Families Uncertainty and Misinformation Vaccines

A: No. There is no truth to this rumor. There is nothing in the human genome that is similar to the spike protein that each of the vaccines are targeting to prevent COVID-19.

💉First of all, rumors about similarity between the placenta proteins and spike protein just do not pass the sniff test. Remember: extraordinary claims require extraordinary evidence. The articles being shared making this false claim are written in a very scientific fashion with big words that are hard to understand and difficult to search, and are not peer-reviewed, or even written by scientists. Many of the websites that are sharing this information are not legitimate sources, and appear to be inventing this story out of whole cloth. See the link at bottom of post on evaluating sources for yourself.

💉Secondly, all of the vaccines in development are aiming to produce an immune response to the spike protein which is part of the virus. When we get COVID-19, we also make antibodies against this protein. If immune responses against a part of the SARS-CoV-2 virus caused problems with the placenta, this would also be the case with immune response to natural SARS-CoV-2 infection–and that is not what we see happening. There is no evidence that immune responses to SARS-CoV-2 infection causes immune response against placental proteins or female sterility.

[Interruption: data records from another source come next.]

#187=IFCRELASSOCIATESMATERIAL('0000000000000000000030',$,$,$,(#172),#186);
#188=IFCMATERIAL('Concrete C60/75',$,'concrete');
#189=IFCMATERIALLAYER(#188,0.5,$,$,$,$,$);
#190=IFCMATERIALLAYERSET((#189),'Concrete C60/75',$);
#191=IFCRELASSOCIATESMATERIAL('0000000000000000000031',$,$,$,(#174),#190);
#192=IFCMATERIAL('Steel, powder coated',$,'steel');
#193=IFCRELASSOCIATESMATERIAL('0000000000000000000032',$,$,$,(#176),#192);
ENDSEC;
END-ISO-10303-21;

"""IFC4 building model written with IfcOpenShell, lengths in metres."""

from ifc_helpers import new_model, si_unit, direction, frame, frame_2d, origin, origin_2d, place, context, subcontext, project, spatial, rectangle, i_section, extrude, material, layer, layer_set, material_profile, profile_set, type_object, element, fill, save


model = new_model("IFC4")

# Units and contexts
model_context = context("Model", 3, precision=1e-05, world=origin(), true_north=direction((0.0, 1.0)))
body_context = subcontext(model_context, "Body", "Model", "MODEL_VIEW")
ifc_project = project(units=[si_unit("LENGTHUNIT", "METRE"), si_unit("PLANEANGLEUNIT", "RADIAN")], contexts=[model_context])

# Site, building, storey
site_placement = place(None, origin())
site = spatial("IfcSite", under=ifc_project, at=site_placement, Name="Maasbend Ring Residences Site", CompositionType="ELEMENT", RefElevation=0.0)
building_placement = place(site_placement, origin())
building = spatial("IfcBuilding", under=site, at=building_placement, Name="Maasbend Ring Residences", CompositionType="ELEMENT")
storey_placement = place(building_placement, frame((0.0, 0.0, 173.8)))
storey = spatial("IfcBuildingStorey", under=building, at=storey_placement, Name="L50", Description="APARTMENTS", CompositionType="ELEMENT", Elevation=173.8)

💉The rumors that the spike protein of SARS-CoV-2 is similar to syncytin-1, the placental protein, are simply not true. When we compare the protein (amino acid) sequence of viral SARS-CoV2 spike protein with the protein sequences in humans, there is very little overlap. Therefore, it is very unlikely that an immune response against the SARS-CoV2 spike protein would cause immune responses to any human protein, including the proteins in the placenta.

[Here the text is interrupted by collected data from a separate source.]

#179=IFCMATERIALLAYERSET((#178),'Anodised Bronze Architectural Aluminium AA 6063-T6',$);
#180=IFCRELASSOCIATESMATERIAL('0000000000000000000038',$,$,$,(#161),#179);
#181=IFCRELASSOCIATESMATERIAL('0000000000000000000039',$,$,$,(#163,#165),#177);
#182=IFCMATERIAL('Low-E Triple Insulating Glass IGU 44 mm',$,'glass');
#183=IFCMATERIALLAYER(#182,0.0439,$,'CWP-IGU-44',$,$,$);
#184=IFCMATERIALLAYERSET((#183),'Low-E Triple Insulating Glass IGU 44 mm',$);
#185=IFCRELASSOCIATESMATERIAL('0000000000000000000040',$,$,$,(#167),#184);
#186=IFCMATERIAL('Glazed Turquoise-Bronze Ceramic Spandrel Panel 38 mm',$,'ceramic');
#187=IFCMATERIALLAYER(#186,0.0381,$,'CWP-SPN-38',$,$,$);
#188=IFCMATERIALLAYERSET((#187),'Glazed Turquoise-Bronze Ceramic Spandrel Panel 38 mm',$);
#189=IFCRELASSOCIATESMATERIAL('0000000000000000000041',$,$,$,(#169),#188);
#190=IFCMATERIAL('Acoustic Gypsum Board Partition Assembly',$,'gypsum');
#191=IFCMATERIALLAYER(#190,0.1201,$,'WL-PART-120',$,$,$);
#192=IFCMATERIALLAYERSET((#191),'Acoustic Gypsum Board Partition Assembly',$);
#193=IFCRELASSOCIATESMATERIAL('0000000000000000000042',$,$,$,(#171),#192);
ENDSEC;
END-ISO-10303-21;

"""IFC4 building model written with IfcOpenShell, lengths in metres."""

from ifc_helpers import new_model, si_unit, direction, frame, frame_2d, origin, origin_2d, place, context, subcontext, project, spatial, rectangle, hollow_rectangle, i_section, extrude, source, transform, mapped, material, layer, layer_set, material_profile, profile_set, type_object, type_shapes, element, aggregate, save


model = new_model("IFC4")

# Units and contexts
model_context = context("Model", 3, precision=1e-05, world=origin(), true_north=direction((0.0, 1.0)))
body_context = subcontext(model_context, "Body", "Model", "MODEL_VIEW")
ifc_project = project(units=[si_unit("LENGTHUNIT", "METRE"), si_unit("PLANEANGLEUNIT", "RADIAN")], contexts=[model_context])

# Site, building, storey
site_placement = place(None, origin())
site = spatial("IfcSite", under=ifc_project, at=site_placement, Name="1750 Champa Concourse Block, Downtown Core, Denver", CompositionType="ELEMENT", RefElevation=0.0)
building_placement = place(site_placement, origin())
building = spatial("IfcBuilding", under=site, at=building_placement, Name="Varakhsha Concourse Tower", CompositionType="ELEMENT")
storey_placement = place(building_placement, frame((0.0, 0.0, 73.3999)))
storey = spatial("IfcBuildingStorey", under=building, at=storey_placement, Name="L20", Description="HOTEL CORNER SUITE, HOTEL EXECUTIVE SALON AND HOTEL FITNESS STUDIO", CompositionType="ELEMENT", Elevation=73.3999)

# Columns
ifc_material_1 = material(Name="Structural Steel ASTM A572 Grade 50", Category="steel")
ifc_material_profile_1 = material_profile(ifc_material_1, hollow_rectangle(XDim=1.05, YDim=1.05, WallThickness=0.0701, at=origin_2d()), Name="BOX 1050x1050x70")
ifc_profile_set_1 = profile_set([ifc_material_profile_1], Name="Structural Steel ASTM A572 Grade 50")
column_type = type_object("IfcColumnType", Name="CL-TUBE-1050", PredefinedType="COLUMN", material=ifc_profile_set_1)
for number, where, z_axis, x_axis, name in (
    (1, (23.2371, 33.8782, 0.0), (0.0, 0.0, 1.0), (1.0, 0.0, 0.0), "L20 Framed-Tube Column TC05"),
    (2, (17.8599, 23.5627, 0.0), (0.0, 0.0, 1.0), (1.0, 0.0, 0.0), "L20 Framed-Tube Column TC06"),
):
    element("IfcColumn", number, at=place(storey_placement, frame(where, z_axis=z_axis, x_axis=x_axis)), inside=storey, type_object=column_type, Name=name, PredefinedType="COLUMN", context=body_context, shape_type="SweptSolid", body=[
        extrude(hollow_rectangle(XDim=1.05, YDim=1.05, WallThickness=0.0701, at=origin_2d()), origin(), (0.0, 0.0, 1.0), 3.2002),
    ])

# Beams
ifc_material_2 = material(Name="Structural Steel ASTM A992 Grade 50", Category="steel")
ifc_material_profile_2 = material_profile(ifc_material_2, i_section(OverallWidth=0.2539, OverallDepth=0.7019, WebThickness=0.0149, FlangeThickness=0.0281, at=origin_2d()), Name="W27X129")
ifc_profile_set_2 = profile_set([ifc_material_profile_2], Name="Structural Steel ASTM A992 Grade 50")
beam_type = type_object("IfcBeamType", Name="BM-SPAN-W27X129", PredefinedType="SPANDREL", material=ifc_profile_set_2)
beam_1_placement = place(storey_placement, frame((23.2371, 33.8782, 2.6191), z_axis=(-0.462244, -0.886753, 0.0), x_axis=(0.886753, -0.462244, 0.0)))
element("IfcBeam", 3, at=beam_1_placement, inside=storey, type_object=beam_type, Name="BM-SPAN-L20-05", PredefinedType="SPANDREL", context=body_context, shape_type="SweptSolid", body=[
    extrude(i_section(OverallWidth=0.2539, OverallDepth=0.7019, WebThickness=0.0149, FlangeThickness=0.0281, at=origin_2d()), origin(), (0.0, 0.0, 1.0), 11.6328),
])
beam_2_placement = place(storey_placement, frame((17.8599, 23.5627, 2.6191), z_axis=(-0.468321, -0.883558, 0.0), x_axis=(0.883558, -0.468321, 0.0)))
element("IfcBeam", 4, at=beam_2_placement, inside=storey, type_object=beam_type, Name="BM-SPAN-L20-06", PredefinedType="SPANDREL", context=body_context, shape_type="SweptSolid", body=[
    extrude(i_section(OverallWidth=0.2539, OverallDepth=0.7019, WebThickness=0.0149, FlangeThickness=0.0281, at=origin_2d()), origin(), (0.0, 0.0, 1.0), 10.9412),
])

For drug development, pregnancy is considered a “special condition”. That means pregnant individuals are usually excluded from clinical trials because of the unique health status, risks, and needs of this population. Drugs are not generally tested in pregnant people, and certainly not before they have been demonstrated to be safe in healthy non-pregnant adults. Most of what is known about the safety of vaccines or other therapies in pregnant women is learned outside of a clinical trial–we get information when a woman gets a vaccine or therapy and then is later found out to be pregnant. When this accidental exposure in pregnancy occurs, it is reported to the FDA and the vaccine company so they can follow up and learn whether there were any adverse effects. Once many of these events have occurred and some safety data in pregnancy is available, a drug may be considered for clinical trials that include pregnant women and/or approval for use during pregnancy. The exclusion of pregnant women from the trials and from receiving the new vaccine are in line with standard drug development processes.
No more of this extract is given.